In the tense 40-day armed standoff at a remote wildlife refuge in Oregon, militia leader Ammon Bundy was largely unable to persuade local residents to rise up in support of a revolution against the federal government. But he did find at least one person sympathetic to his cause: a nearby sheriff.

The standoff, which began on Jan. 2 after Bundy and others converged on Burns, Oregon, to protest the pending imprisonment of two ranchers, came to an end last week after Bundy was arrested, group spokesman Robert "LaVoy" Finicum was killed by law enforcement, and the final four holdouts surrendered.

The occupiers of the Malheur National Wildlife Refuge included cattle ranchers and militia members, who flocked from across the West to protest the federal government's control of public wild lands.

Throughout the ordeal, Grant County Sheriff Glenn Palmer remained a minor but persistent presence.
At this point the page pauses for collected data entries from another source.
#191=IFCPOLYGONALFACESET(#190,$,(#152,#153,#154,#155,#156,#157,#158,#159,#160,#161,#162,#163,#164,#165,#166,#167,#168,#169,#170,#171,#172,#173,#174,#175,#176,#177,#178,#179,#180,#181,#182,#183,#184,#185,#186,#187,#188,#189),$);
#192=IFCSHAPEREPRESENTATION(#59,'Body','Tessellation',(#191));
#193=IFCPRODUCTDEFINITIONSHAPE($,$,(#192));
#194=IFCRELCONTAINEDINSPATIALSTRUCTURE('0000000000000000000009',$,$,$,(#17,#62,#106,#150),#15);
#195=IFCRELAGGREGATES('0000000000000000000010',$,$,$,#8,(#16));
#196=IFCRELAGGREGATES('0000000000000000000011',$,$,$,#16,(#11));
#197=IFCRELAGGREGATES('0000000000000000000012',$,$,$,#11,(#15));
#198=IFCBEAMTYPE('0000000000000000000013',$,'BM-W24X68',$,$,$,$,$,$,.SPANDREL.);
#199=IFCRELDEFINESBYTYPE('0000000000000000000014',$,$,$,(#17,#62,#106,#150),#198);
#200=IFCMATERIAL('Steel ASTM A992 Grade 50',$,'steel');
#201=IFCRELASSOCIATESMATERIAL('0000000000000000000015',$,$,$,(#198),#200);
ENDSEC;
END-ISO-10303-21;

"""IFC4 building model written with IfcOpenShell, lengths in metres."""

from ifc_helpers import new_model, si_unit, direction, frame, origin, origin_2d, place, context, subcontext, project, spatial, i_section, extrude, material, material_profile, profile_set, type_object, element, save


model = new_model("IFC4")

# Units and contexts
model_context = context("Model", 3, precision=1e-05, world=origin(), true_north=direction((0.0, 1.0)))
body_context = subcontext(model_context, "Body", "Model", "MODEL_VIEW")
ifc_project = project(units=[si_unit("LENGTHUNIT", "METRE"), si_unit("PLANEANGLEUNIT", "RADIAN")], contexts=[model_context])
Though the standoff took place in Harney County, the refuge extends deep into neighboring Grant County, where he garnered attention for meeting twice with the occupiers, and making statements that were more in line with the protesters than with other officials.
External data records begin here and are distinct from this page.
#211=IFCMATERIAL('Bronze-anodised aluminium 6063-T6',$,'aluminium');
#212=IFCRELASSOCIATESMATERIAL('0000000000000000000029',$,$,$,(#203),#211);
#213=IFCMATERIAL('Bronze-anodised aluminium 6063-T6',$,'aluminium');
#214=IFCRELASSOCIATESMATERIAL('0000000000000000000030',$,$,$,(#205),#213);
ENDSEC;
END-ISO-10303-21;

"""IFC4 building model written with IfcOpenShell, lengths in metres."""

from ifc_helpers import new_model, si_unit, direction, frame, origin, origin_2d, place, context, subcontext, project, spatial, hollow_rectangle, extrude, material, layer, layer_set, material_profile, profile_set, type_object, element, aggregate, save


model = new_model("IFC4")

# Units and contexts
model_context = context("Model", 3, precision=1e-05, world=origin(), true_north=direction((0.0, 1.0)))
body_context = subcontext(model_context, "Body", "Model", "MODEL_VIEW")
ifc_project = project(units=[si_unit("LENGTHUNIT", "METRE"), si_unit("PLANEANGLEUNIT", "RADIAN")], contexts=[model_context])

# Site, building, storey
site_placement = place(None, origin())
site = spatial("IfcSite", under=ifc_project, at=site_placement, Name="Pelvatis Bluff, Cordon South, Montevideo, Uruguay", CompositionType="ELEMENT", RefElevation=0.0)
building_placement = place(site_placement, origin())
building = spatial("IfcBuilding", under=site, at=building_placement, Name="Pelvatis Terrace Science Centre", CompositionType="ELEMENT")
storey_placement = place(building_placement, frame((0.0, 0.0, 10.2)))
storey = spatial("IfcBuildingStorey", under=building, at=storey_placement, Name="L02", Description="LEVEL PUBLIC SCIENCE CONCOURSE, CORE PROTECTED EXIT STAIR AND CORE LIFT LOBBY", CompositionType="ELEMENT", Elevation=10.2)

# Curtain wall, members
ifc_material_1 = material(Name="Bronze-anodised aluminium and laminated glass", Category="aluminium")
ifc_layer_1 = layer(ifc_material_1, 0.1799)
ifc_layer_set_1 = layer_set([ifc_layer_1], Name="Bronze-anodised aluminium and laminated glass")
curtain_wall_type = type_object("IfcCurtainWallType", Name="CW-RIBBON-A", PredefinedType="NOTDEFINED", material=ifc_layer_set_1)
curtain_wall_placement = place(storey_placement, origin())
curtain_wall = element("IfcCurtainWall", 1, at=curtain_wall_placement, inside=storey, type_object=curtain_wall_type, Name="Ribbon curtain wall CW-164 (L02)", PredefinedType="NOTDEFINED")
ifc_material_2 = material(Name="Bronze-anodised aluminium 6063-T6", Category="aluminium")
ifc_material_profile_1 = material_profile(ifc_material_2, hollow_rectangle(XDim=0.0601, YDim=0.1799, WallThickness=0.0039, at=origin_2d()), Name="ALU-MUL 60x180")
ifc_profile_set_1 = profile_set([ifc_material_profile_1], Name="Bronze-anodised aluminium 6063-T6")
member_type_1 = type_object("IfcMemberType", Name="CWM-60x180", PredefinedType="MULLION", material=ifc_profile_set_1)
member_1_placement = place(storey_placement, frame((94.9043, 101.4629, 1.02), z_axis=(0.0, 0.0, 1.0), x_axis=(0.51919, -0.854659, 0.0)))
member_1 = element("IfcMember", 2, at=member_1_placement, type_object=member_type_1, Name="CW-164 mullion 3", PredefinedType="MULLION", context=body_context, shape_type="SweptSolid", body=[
When FBI agents and state police confronted the leaders of the standoff in a Jan. 26 traffic stop on a remote stretch of highway, the occupiers were en route to a meeting Palmer was attending about 70 miles away in the town of John Day. The occupiers never made it to that meeting and Finicum was fatally shot in a confrontation with officers.
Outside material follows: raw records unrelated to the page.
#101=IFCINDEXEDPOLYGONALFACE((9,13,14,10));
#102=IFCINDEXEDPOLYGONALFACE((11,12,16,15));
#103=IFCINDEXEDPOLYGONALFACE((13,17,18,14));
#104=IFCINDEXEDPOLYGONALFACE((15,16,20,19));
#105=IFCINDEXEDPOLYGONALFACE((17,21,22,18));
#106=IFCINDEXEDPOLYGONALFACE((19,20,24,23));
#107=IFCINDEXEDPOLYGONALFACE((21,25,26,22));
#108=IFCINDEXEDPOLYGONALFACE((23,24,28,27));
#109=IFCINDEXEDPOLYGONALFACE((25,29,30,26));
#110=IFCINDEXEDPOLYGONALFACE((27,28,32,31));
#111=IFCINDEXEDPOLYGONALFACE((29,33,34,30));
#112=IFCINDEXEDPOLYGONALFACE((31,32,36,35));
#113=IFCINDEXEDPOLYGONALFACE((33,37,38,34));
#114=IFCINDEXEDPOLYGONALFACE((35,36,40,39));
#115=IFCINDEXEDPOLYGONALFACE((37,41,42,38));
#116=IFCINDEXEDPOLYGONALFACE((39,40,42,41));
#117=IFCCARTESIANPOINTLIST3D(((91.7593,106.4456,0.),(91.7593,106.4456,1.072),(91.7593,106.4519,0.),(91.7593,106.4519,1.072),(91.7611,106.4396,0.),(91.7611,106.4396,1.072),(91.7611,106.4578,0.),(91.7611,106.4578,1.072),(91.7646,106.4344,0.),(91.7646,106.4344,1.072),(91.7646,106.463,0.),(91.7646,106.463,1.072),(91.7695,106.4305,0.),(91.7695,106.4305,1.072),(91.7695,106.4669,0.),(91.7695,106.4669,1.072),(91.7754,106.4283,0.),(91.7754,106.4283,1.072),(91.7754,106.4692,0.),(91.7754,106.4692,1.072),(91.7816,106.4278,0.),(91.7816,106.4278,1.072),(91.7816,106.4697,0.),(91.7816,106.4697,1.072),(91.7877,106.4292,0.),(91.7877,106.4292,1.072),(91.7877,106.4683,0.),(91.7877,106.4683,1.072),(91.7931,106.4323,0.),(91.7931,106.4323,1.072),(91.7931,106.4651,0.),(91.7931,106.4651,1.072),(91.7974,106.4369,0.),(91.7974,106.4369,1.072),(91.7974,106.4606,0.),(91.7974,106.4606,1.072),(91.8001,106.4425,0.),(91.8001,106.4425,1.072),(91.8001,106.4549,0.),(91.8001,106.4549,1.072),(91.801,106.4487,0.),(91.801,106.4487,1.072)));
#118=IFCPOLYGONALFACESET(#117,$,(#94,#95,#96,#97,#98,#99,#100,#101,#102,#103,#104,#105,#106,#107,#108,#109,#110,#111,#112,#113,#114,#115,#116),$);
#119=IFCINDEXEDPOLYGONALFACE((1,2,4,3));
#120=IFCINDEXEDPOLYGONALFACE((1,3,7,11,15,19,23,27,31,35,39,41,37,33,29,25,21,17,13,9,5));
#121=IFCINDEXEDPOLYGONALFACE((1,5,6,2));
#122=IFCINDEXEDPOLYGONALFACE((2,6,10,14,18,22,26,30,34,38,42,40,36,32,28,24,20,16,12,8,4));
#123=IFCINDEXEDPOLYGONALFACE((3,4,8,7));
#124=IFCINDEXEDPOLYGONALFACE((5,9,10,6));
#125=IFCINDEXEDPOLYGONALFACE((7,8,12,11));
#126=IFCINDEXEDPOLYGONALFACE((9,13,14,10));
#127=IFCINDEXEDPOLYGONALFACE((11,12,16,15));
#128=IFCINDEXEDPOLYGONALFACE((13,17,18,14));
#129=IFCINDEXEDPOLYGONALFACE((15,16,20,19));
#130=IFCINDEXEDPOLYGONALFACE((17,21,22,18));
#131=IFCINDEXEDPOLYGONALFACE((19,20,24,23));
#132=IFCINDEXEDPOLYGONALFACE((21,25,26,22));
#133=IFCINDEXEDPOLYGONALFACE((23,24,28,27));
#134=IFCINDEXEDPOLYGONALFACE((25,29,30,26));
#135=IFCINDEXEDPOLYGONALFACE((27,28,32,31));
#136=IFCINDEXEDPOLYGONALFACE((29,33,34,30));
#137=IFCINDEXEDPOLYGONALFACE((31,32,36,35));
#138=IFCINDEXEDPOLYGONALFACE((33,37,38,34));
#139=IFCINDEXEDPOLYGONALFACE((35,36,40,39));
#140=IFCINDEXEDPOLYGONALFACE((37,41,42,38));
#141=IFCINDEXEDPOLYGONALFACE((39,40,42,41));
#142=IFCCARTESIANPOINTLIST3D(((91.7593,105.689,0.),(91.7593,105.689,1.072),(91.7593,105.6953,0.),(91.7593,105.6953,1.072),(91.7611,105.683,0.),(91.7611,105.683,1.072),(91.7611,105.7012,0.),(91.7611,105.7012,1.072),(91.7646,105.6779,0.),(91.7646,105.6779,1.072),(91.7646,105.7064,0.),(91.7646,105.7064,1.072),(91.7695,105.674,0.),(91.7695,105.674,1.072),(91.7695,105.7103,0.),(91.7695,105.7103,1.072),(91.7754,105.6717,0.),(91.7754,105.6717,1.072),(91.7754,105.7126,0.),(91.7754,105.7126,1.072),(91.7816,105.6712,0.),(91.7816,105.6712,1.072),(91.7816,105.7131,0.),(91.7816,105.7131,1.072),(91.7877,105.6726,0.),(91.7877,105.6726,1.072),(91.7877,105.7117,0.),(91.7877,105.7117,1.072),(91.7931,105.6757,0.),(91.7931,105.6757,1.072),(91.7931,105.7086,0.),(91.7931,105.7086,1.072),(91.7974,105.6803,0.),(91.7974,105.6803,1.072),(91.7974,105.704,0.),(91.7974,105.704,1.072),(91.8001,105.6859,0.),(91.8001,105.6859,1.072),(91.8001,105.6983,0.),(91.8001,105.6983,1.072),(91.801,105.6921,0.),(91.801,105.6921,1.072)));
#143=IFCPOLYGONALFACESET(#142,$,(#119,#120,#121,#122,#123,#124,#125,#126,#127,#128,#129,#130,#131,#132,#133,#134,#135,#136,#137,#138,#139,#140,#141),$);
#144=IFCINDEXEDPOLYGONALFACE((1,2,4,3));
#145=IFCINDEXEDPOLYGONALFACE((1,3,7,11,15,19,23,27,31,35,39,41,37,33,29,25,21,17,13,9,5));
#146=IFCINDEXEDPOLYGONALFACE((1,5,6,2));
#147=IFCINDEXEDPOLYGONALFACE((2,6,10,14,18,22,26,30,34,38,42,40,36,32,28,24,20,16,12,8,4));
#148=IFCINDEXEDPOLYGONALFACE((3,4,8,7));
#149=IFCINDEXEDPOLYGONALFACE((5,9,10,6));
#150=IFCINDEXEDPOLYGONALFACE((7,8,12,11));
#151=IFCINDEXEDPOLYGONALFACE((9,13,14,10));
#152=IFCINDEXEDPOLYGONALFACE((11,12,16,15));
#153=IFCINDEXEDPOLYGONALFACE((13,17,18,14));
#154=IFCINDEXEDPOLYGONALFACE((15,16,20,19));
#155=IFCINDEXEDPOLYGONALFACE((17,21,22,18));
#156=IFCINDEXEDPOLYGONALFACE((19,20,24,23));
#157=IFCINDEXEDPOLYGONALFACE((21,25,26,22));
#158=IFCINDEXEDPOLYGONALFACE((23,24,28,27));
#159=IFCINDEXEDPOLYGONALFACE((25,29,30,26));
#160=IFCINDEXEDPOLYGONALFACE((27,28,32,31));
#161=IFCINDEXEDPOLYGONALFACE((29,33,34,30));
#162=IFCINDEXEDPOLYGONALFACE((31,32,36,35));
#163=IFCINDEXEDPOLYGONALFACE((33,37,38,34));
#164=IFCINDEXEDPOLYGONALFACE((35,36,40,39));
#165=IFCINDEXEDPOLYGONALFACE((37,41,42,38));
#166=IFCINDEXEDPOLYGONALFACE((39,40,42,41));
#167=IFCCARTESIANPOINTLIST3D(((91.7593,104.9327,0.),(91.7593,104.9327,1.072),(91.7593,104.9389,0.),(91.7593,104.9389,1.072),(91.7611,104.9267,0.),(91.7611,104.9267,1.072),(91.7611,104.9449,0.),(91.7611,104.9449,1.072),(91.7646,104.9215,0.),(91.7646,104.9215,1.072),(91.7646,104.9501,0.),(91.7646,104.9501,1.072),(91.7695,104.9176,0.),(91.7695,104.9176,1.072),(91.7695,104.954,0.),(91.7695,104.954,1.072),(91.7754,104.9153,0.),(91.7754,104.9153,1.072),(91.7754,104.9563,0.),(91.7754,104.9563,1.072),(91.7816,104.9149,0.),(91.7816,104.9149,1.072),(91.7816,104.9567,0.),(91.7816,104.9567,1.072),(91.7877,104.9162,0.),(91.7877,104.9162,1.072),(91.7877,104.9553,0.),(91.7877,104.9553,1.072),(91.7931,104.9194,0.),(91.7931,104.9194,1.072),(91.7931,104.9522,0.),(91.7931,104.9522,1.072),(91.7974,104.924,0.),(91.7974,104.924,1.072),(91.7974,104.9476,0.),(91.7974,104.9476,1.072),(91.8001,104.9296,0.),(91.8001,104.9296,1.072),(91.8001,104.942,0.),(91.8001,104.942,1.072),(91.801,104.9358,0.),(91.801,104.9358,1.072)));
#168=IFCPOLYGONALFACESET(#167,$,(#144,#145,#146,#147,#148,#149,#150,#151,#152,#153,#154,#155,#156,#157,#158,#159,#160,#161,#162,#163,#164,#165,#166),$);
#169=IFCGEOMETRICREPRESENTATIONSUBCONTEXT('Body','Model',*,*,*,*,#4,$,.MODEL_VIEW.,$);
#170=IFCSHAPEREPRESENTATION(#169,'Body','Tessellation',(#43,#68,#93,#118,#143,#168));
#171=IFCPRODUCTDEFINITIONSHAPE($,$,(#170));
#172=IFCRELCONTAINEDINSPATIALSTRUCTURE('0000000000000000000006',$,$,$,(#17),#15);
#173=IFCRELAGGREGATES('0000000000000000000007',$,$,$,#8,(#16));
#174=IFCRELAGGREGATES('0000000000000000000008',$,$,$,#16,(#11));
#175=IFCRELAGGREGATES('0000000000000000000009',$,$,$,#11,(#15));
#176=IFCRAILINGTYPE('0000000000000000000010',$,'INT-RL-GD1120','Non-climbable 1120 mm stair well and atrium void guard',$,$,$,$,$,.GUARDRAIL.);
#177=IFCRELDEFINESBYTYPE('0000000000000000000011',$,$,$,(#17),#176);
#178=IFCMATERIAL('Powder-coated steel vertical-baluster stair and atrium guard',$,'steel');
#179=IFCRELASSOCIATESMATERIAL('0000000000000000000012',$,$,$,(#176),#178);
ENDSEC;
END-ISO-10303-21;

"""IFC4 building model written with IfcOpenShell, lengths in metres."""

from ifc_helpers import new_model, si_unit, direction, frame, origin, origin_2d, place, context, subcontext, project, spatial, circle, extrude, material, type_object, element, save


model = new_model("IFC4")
Exactly how deep the relationship Palmer had with the armed occupiers is unclear, but the sheriff told BuzzFeed News in an email that Bundy had sent him messages during the standoff, suggesting Palmer had provided the militants with his cell phone number.

“He sent me one text, one voice mail with an invite and I texted him back saying that I would not go without the consent and blessing of [Harney County Sheriff David] Ward,” Palmer told BuzzFeed News in an email.

To outside observers, it came as a surprise that a law enforcement official was friendly to a group of armed militia members who openly defied the law. But Palmer's sympathy for people who have a beef with the feds isn't especially unique. In fact, sheriffs across the West have for years been supportive in one way or another of rural fights against federal authority.

Exactly how many sheriffs and other uniformed law enforcement officers have shown support to anti-government “patriot” movements is not entirely clear, but the Southern Poverty Law Center puts it somewhere in the hundreds. Most work in Western states, Mark Potok, a senior fellow at the SPLC, said, where ranchers losing fights with the federal government over land or entire ranches often turn to both sheriffs and militias.

The spread of the militia movement, and the tacit support they receive from some law enforcement figures has encouraged such armed groups, many like the Bundy family that has actively sought confrontations with federal agencies.

“The whole situation is genuinely worrying,” Potok said. “We have real-life county sheriffs and legislators like Michele Fiore who are legitimizing this type of madness.”

“The county sheriff is the line in the sand"

One organization that has actively recruited police chiefs and county sheriffs into their ranks is the Constitutional Sheriffs and Peace Officers Association, which promotes ideas similar to militia groups and sovereign citizen organizations: that the sheriff is the ultimate law of the land and a defender of the people from the federal government.

Like many “patriot” groups, the CSPOA believes sheriffs can supersede, even intervene in laws they don’t agree with. And on its website, the organization describes itself as “the last line of defense.”

“The county sheriff is the line in the sand,” the organization’s website says. “The county sheriff is the one who can say to the feds, ‘Beyond these bounds you shall not pass.’”

The site lists support from several high-profile sheriffs such as David A. Clarke Jr., from Milwaukee County, Wisconsin; Jeff Christopher, from Sussex County, Delaware; Pamela L. Elliott from Edwards County, Texas; and Joe Arpaio from Maricopa County, Arizona.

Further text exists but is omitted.